Cyclooxygenases (COX) convert polyunsaturated fatty acids (PUFAs) to prostanoids. Leukotrienes (LTs) derive from the 5-lipoxygenase pathway (5-LOX), while further lipoxygenases (8-LOX and 12/15-LOX) convert PUFAs to corresponding hydroxylated fatty acids (HODE, HETE, HEPE and HDHA). 8,15- and 5,15-dihydroxyeicosatetraenoic acid (8,15- and 5,15-DiHETE) as well as specialised pro-resolving mediators (SPMs) like resolvins (Rv), neuroprotectin D1 (NPD1) and lipoxins (Lx) require at least two consecutive enzymatic conversions. Various cytochrome P450 monooxygenase enzymes (CYP 450) catalyse the epoxidation of PUFAs, illustrated by ARA-derived epoxyeicosatrienoic acids (EpETrEs).
Fig 2.
Stacked bar graphs represent the percentage-ratio of all detected metabolites summed by their assumed major formation route in the a) cerebra and b) cerebella of Toxocara spp.-infected and uninfected mice.

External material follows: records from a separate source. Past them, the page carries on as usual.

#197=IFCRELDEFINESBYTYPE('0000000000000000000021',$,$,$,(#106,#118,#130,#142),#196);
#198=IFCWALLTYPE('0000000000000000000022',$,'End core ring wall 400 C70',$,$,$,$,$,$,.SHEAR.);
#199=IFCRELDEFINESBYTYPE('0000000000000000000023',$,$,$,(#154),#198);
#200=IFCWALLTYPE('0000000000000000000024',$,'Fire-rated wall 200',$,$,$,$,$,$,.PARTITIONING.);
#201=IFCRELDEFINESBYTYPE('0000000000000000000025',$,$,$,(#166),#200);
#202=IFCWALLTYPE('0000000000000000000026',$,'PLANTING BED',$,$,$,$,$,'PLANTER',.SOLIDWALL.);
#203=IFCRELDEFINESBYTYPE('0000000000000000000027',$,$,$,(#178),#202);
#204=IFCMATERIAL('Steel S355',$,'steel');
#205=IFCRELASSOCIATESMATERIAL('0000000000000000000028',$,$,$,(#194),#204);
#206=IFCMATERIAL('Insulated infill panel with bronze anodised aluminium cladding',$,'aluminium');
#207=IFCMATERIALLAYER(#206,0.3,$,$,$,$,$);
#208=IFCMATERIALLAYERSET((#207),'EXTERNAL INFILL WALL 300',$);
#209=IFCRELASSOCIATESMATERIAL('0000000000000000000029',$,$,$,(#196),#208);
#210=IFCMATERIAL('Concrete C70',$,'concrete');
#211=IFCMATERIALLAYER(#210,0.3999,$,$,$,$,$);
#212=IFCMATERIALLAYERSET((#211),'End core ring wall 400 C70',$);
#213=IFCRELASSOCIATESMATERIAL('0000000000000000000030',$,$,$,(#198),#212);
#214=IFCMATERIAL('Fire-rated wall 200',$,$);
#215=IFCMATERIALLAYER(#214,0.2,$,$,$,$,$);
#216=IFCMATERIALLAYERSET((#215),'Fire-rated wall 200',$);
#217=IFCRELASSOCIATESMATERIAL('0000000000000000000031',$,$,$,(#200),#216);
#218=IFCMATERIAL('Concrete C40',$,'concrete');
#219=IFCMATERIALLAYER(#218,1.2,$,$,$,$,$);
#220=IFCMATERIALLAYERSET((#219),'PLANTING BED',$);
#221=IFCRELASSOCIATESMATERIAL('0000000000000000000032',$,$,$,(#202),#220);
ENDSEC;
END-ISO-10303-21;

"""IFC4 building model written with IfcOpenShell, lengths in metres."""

Each column represents data from a single sample (n = 5).
Fig 3.
Heatmap representing the mean fold-change of each lipid mediator in uninfected controls as well as in T. canis- and T. cati-infected mice.

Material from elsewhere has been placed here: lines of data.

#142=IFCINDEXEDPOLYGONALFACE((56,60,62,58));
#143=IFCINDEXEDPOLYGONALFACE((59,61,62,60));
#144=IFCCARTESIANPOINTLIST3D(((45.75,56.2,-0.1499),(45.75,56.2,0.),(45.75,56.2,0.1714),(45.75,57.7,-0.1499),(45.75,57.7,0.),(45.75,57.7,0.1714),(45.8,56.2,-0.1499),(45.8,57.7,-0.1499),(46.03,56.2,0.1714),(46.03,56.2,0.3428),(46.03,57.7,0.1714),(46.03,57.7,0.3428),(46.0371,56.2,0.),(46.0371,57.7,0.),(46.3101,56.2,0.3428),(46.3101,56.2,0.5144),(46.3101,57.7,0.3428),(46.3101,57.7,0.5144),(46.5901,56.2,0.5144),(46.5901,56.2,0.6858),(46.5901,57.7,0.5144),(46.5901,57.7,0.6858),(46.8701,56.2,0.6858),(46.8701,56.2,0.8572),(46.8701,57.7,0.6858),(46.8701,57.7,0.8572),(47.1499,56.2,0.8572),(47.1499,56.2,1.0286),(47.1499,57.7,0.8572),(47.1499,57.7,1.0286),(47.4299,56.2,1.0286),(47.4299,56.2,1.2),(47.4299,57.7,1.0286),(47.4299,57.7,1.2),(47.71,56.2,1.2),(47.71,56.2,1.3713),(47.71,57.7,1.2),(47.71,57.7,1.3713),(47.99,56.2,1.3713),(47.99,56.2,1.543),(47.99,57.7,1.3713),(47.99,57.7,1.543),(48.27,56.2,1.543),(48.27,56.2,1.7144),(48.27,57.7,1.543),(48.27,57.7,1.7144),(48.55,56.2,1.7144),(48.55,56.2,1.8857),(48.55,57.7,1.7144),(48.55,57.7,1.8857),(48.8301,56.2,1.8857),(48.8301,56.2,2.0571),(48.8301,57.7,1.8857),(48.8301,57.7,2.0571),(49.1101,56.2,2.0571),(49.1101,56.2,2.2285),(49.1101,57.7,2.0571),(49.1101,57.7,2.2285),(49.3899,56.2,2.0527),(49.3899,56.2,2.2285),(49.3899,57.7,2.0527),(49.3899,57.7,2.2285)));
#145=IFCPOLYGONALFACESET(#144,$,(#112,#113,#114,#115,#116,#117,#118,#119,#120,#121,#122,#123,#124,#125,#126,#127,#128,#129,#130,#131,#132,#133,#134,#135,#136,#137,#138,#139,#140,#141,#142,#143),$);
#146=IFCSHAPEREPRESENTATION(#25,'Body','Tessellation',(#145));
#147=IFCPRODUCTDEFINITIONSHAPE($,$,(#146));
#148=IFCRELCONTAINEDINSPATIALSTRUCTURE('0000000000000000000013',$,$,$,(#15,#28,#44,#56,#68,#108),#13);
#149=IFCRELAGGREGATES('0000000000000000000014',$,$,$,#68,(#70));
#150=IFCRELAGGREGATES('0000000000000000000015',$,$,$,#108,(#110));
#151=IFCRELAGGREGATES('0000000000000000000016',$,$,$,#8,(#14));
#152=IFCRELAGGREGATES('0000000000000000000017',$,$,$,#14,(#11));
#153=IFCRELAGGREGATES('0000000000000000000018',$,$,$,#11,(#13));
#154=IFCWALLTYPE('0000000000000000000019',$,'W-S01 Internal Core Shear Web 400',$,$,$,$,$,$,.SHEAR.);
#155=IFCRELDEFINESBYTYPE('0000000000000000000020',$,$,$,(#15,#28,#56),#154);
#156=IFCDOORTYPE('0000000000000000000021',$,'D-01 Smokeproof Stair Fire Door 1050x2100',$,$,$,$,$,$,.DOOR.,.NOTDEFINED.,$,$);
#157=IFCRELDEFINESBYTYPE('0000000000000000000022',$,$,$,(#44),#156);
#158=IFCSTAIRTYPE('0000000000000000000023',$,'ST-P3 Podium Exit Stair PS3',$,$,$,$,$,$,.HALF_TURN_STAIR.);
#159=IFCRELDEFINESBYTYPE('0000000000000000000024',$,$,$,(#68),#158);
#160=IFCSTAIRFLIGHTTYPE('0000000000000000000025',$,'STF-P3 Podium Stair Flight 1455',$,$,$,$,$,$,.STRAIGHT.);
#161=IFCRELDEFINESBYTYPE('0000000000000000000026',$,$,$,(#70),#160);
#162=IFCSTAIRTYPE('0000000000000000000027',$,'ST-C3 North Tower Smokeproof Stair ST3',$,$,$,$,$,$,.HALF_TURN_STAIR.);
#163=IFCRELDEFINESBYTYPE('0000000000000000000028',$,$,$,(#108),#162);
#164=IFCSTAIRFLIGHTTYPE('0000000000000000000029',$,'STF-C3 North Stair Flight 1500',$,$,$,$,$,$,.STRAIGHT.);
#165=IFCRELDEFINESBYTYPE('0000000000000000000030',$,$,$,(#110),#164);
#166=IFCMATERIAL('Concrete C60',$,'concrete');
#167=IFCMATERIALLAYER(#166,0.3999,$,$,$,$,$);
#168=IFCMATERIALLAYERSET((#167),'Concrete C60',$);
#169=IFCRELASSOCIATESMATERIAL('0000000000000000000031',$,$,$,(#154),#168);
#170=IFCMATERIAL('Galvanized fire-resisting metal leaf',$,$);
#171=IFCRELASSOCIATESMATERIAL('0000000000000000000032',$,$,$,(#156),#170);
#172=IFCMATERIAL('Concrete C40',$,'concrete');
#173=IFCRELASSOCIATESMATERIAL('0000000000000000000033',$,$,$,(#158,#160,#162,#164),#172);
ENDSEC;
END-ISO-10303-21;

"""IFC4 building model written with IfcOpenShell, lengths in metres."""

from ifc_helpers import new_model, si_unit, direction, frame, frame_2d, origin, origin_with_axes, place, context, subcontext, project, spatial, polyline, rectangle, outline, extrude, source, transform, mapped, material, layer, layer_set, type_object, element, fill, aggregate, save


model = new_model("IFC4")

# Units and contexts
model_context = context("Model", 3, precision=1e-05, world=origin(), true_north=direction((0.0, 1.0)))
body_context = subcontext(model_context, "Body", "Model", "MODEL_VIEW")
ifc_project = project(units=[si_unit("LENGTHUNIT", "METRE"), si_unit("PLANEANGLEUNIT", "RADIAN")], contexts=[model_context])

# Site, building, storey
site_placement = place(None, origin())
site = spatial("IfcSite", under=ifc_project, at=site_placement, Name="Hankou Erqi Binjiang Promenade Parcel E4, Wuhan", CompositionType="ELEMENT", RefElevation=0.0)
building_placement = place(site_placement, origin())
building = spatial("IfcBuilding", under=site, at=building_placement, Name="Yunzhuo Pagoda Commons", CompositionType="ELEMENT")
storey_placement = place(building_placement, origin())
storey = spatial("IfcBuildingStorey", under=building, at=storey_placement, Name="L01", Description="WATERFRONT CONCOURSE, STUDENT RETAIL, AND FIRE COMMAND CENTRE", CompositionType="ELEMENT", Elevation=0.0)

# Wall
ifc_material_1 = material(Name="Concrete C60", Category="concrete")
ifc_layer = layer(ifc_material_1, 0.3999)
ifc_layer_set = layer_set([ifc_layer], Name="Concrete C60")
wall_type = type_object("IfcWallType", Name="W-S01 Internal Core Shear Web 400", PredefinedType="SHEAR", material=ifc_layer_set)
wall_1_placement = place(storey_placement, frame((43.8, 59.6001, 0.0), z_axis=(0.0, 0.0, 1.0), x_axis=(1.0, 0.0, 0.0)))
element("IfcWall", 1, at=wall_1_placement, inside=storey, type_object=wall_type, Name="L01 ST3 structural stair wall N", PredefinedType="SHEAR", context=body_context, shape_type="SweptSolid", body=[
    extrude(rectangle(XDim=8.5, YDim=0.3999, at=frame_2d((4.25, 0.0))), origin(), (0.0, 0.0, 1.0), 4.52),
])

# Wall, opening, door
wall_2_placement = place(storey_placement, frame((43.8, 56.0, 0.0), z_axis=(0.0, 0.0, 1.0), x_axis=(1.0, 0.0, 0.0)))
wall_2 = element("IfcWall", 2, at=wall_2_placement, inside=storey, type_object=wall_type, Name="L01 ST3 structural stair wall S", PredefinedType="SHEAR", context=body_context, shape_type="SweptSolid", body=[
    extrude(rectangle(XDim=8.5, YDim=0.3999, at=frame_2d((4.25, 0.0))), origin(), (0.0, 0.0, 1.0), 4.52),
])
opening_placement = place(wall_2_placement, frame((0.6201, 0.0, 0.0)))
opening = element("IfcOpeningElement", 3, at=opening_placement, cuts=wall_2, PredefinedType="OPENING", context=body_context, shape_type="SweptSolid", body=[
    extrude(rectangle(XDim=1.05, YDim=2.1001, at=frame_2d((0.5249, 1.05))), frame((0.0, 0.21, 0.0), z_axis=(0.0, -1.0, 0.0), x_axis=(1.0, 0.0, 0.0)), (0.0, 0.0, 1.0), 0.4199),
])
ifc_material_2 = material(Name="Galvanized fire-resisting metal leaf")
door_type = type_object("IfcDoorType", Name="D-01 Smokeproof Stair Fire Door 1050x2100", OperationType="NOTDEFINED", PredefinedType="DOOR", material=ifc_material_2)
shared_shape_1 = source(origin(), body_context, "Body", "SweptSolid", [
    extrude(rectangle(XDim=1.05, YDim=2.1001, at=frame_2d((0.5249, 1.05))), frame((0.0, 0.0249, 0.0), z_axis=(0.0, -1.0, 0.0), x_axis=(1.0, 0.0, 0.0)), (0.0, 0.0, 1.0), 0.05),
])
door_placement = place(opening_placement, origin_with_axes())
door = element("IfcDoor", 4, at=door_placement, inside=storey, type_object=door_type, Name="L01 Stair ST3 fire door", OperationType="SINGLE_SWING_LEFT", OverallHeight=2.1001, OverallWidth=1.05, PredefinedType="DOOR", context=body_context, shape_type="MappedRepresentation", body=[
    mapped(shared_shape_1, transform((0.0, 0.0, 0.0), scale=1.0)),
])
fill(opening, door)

For clarity, classification of metabolites is generalised based on their major biosynthetic pathways. Metabolites below the quantification limit are displayed in grey.
Fig 4.
Time course of concentrations of NPD1 (mean ± SEM) in the cerebra and cerebella of uninfected controls as well as T. canis- and T. cati-infected mice.
If the level was below the limit of quantification (LOQ) the LOQ is shown (0.498 fmol/mg). Asterisks indicate statistically significant differences (P≤0.05) between infected and uninfected mice. The square marks an outlier for NPD1 at day 70 pi.
Fig 5.
13-HODE/9-HODE-ratio (mean ± SEM) in the cerebra and cerebella of uninfected controls as well as T. canis- and T. cati-infected mice.
Asterisks indicate statistically significant differences (P≤0.05) between infected and uninfected mice.
Fig 6.
Transcriptional alterations (in fold-changes) of different ptgs- (encoding for COX enzymes) and alox- (encoding for LOX enzymes) genes during T. canis- as well as T. cati-induced NT compared to uninfected mice.
Data for day 42 pi have been deposited at the Gene Expression Omnibus (GEO) database of the National Center for Biotechnology Information (NCBI) under the accession number GSE66094 [31].